How company deploys business around AI model
AMP Robotics is a promising startup working hard to make the waste recycling future happen. The company is structured around two key instruments AI system designed to distinguish different types of waste similar to the human eye and robotic arms that allow to pick particular elements of waste and sort it.
The current business model of AMP Robotics is to sell complex solution in the form of equipment installed on a conveyor belt moving with a certain speed and de-facto subscription on cloud-based AI services that makes the installed equipment work. The user of equipment is not the sole owner of the accumulated data, instead, it’s used to further enhance the algorithms on the AMP Robotics cloud.
The sorting of waste is very labor-intensive business and technological advancement is constrained by three main factors: 1) it’s hard to recognize a particular item and associate it with the material relevant for further processing, 2) current robotic manipulators are effective in handling solid materials with high speed and precision but it struggles to pick up a soft paper cup that could be jammed in a number of ways, 3) some garbage items are complex and consists of a number of components made from different materials. The AMP robotics solution is aimed at solving the first two problems that hugely expand the number of use cases.
Almost as a by-product company offers its’ customers AMP Insights – a data visualization platform that allows the company to use data gathered by the installed equipment: to assess the quality of the incoming waste stream, measure performance of operations or deploy an alert system. The process is labeled as “digitization of a waste stream”.
Another promising opportunity is identification of logos or waste components that are the part of goods or packages produced by a certain brand. This can help to create partnerships with brands interested in creating closed loops or just track the environmental impact of waste generated by the business. This could also be a valuable source of data for policies and regulations.

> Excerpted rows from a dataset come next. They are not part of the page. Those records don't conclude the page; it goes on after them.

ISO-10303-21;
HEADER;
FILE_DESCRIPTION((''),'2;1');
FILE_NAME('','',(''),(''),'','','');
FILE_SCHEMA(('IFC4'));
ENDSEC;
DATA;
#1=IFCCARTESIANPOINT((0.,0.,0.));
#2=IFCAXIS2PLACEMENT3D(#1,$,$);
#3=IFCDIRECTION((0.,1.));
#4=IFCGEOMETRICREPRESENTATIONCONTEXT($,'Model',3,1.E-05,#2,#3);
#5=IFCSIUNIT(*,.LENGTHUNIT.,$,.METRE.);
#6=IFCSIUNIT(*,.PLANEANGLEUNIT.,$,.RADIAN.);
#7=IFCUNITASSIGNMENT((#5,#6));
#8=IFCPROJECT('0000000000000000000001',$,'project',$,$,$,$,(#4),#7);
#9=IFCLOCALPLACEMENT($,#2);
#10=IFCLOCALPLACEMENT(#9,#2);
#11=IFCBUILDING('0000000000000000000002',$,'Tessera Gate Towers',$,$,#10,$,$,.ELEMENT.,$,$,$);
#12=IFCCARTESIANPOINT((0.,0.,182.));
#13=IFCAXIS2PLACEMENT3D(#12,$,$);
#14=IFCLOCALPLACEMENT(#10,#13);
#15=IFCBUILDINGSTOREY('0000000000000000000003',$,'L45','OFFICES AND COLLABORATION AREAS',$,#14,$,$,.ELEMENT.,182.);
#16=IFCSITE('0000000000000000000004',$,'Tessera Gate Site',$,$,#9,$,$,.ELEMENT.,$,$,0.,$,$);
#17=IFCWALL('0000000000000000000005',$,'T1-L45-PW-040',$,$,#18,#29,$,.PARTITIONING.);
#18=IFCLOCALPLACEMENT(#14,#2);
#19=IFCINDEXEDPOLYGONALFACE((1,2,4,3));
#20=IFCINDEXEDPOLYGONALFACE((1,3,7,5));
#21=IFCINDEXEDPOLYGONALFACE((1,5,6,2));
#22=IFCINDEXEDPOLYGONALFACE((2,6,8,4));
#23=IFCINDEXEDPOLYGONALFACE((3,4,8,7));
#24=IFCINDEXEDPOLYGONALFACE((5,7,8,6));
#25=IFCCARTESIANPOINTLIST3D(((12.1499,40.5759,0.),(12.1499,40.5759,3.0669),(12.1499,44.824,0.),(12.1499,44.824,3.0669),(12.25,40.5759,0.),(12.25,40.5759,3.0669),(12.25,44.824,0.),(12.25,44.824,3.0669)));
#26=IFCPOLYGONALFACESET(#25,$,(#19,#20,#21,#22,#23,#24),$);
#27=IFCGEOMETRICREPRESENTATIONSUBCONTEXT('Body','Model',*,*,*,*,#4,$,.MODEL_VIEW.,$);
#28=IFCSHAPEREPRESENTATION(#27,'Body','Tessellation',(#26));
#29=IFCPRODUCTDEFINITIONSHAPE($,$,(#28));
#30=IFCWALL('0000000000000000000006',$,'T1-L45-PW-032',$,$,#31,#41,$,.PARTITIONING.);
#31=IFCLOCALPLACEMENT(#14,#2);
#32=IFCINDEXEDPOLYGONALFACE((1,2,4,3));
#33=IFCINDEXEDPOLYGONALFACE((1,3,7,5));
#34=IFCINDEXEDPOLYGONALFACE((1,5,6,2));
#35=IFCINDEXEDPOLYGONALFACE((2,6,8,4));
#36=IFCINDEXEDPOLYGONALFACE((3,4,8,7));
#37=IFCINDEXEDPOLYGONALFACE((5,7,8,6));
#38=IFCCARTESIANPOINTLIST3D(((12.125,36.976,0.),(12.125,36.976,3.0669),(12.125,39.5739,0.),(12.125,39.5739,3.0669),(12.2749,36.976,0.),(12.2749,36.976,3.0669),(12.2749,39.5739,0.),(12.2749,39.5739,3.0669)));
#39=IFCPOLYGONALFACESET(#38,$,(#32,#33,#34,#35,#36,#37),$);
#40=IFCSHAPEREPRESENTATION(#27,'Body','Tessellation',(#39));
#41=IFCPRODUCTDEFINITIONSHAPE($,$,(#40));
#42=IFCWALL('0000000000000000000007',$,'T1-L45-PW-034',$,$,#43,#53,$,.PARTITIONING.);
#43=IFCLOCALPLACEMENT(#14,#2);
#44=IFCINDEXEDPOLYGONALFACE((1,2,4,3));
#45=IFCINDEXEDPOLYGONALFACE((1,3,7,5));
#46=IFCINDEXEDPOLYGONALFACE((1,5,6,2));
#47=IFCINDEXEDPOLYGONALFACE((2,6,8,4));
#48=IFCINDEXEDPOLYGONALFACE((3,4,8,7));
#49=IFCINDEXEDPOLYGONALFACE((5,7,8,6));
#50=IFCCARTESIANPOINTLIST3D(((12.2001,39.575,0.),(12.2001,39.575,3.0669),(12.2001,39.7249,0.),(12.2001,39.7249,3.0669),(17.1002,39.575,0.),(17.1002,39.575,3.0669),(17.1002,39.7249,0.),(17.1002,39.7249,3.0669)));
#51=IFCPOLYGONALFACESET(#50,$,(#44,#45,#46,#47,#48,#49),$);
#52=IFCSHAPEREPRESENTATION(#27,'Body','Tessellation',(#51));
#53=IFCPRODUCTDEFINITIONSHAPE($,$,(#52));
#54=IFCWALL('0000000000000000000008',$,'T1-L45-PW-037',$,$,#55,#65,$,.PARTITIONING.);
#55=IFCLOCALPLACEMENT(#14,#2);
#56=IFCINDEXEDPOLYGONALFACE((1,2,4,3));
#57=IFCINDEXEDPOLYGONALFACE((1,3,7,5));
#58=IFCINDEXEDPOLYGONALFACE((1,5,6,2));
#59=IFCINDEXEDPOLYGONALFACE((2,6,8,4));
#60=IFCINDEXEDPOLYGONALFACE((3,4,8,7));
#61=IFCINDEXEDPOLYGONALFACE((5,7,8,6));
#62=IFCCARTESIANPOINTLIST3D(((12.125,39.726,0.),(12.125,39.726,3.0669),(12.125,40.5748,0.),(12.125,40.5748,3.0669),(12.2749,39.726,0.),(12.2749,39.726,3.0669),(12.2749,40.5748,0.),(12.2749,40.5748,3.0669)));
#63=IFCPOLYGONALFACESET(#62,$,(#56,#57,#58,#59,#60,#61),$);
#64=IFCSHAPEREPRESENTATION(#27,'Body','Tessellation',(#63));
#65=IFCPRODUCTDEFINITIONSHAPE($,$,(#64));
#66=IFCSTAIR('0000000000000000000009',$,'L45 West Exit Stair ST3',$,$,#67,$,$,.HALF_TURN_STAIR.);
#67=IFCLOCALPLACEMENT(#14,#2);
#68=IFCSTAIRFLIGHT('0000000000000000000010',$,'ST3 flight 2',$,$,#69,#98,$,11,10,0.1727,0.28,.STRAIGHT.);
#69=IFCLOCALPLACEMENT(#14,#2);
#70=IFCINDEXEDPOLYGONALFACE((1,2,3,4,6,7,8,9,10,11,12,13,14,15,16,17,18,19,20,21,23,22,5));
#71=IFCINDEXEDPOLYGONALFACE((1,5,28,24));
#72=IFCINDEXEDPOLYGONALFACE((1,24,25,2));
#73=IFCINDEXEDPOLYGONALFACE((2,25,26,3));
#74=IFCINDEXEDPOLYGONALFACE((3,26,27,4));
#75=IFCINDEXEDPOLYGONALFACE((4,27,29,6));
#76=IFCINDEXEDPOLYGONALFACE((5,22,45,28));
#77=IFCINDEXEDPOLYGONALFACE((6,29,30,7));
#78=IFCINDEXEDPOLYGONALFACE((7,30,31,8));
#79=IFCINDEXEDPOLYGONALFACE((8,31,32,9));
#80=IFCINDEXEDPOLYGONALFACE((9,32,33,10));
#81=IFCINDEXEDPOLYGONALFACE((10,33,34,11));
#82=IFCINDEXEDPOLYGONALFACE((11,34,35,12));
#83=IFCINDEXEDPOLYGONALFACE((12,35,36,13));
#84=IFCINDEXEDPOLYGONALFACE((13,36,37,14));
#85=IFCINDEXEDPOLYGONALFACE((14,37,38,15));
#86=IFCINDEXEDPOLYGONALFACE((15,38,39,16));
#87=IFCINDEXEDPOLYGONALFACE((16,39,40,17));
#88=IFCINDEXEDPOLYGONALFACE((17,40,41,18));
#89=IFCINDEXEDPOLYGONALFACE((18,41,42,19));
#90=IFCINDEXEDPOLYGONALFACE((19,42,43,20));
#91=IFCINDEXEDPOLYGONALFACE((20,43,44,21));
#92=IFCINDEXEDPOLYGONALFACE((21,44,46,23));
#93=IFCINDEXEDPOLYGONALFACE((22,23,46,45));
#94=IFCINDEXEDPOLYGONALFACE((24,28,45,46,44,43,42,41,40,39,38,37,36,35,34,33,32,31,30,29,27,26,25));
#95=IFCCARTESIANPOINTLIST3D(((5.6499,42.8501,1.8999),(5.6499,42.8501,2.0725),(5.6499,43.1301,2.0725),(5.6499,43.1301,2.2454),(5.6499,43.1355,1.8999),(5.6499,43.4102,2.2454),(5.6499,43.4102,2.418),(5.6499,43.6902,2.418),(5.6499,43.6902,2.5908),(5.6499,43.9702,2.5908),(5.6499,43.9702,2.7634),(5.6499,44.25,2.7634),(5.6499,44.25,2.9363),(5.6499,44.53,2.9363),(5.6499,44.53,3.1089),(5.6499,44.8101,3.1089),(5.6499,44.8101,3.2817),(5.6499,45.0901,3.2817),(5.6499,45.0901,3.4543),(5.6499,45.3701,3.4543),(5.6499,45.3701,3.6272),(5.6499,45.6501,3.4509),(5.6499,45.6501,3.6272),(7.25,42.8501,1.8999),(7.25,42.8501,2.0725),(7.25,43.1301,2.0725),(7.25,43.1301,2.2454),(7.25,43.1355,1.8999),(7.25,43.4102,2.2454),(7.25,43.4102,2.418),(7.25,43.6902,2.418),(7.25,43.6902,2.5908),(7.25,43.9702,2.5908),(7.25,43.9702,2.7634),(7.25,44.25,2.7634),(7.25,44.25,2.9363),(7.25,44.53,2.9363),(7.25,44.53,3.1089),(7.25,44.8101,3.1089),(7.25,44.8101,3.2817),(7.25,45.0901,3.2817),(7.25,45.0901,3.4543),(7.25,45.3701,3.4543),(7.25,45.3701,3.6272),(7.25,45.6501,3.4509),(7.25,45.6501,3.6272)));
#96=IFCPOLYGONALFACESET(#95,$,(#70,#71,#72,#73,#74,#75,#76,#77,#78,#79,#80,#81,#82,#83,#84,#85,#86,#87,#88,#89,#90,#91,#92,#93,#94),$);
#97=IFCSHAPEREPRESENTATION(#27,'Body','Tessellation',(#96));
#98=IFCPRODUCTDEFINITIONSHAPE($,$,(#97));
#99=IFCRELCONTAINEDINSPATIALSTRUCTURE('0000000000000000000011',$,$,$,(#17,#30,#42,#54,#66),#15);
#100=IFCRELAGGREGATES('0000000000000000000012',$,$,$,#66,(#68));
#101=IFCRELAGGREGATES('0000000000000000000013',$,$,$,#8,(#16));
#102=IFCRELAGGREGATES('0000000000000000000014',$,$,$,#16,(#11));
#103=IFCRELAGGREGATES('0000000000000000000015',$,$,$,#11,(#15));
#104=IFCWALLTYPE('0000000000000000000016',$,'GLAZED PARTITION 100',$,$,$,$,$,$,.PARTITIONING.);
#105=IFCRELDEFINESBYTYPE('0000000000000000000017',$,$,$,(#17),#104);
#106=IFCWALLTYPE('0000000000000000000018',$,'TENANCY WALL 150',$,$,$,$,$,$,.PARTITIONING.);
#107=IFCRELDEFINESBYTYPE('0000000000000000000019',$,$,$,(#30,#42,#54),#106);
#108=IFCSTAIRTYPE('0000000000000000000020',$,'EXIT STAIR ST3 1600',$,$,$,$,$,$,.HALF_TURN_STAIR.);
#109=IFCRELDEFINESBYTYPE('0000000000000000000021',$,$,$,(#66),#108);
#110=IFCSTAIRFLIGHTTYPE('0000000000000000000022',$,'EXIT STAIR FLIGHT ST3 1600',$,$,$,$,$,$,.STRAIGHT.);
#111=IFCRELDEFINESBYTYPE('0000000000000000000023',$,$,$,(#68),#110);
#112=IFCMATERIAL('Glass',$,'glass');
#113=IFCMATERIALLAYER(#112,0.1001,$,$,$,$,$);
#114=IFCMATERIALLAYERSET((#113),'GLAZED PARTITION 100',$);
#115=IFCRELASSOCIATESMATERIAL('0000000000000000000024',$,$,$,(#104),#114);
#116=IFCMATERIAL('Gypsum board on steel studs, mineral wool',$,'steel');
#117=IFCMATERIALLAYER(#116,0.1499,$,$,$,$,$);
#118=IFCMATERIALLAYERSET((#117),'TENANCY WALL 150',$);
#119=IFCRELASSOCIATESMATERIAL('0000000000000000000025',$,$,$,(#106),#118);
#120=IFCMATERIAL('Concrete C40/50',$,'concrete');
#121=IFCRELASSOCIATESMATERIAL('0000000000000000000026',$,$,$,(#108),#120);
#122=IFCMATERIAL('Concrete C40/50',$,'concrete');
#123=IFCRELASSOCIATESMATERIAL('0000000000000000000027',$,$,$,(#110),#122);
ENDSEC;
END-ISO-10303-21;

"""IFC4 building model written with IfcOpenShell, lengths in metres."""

from ifc_helpers import new_model, si_unit, direction, frame, frame_2d, origin, place, context, subcontext, project, spatial, polyline, rectangle, outline, extrude, material, layer, layer_set, type_object, element, aggregate, save


model = new_model("IFC4")

# Units and contexts
model_context = context("Model", 3, precision=1e-05, world=origin(), true_north=direction((0.0, 1.0)))
body_context = subcontext(model_context, "Body", "Model", "MODEL_VIEW")
ifc_project = project(units=[si_unit("LENGTHUNIT", "METRE"), si_unit("PLANEANGLEUNIT", "RADIAN")], contexts=[model_context])

# Site, building, storey
site_placement = place(None, origin())
site = spatial("IfcSite", under=ifc_project, at=site_placement, Name="Tessera Gate Site", CompositionType="ELEMENT", RefElevation=0.0)
building_placement = place(site_placement, origin())
building = spatial("IfcBuilding", under=site, at=building_placement, Name="Tessera Gate Towers", CompositionType="ELEMENT")
storey_placement = place(building_placement, frame((0.0, 0.0, 182.0)))
storey = spatial("IfcBuildingStorey", under=building, at=storey_placement, Name="L45", Description="OFFICES AND COLLABORATION AREAS", CompositionType="ELEMENT", Elevation=182.0)

# Shared definitions
ifc_material_1 = material(Name="Glass", Category="glass")
ifc_layer_1 = layer(ifc_material_1, 0.1001)
ifc_layer_set_1 = layer_set([ifc_layer_1], Name="GLAZED PARTITION 100")
wall_type_1 = type_object("IfcWallType", Name="GLAZED PARTITION 100", PredefinedType="PARTITIONING", material=ifc_layer_set_1)

# Walls
wall_1_placement = place(storey_placement, frame((12.2, 40.5759, 0.0), z_axis=(0.0, 0.0, 1.0), x_axis=(0.0, 1.0, 0.0)))
element("IfcWall", 1, at=wall_1_placement, inside=storey, type_object=wall_type_1, Name="T1-L45-PW-040", PredefinedType="PARTITIONING", context=body_context, shape_type="SweptSolid", body=[
    extrude(rectangle(XDim=4.248, YDim=0.1001, at=frame_2d((2.124, 0.0))), origin(), (0.0, 0.0, 1.0), 3.0669),
])
ifc_material_2 = material(Name="Gypsum board on steel studs, mineral wool", Category="steel")
ifc_layer_2 = layer(ifc_material_2, 0.1499)
ifc_layer_set_2 = layer_set([ifc_layer_2], Name="TENANCY WALL 150")
wall_type_2 = type_object("IfcWallType", Name="TENANCY WALL 150", PredefinedType="PARTITIONING", material=ifc_layer_set_2)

Current challenges and opportunities
Limited number of SKUs. The first problem is the conflict between a limited number of items that the system can currently identify and sort and the nature of waste coming from households and businesses. It represents a catch-22 style problem – to make it cost-effective, the company needs to be able to sort all recyclable materials, but to start doing that it needs to start with a few use-cases and gradually develop AI models to incorporate more and more SKUs. Now the company is testing the solution for three types of the incoming waste stream: municipal solid waste, electronic waste and construction, and demolition waste. The selection of those streams specifically focused on the relatively homogenous but high-volume type of waste.
Solid clean waste. As you could notice all current use cases assume solid waste, but a significant part of households and businesses waste nowadays, what we can see in dumpsters on streets around, is just a compressed mass contaminated with liquids and grease. There is no even preliminary idea how to handle this problem without imposing discipline in places of waste generation. At this stage, it looks rather as a regulatory task than a business opportunity.
Low labor cost in developing countries. For decades the United States was sending a significant part of waste to China, which benefited from low labor costs on waste processing facilities. The low cost of labor effectively prevented the emergence of capital-intensive robotized systems for identification and sorting of waste. However, today the situation is changing without any effort from an ecological organizations mainly due to economic growth in China, structural changes in the country’s economy and growing labor costs. The question now is whether the waste streams will be re-directed to other countries that have lower labor costs or the USA, as one of the drivers of technological advancement will decide to solve the problem.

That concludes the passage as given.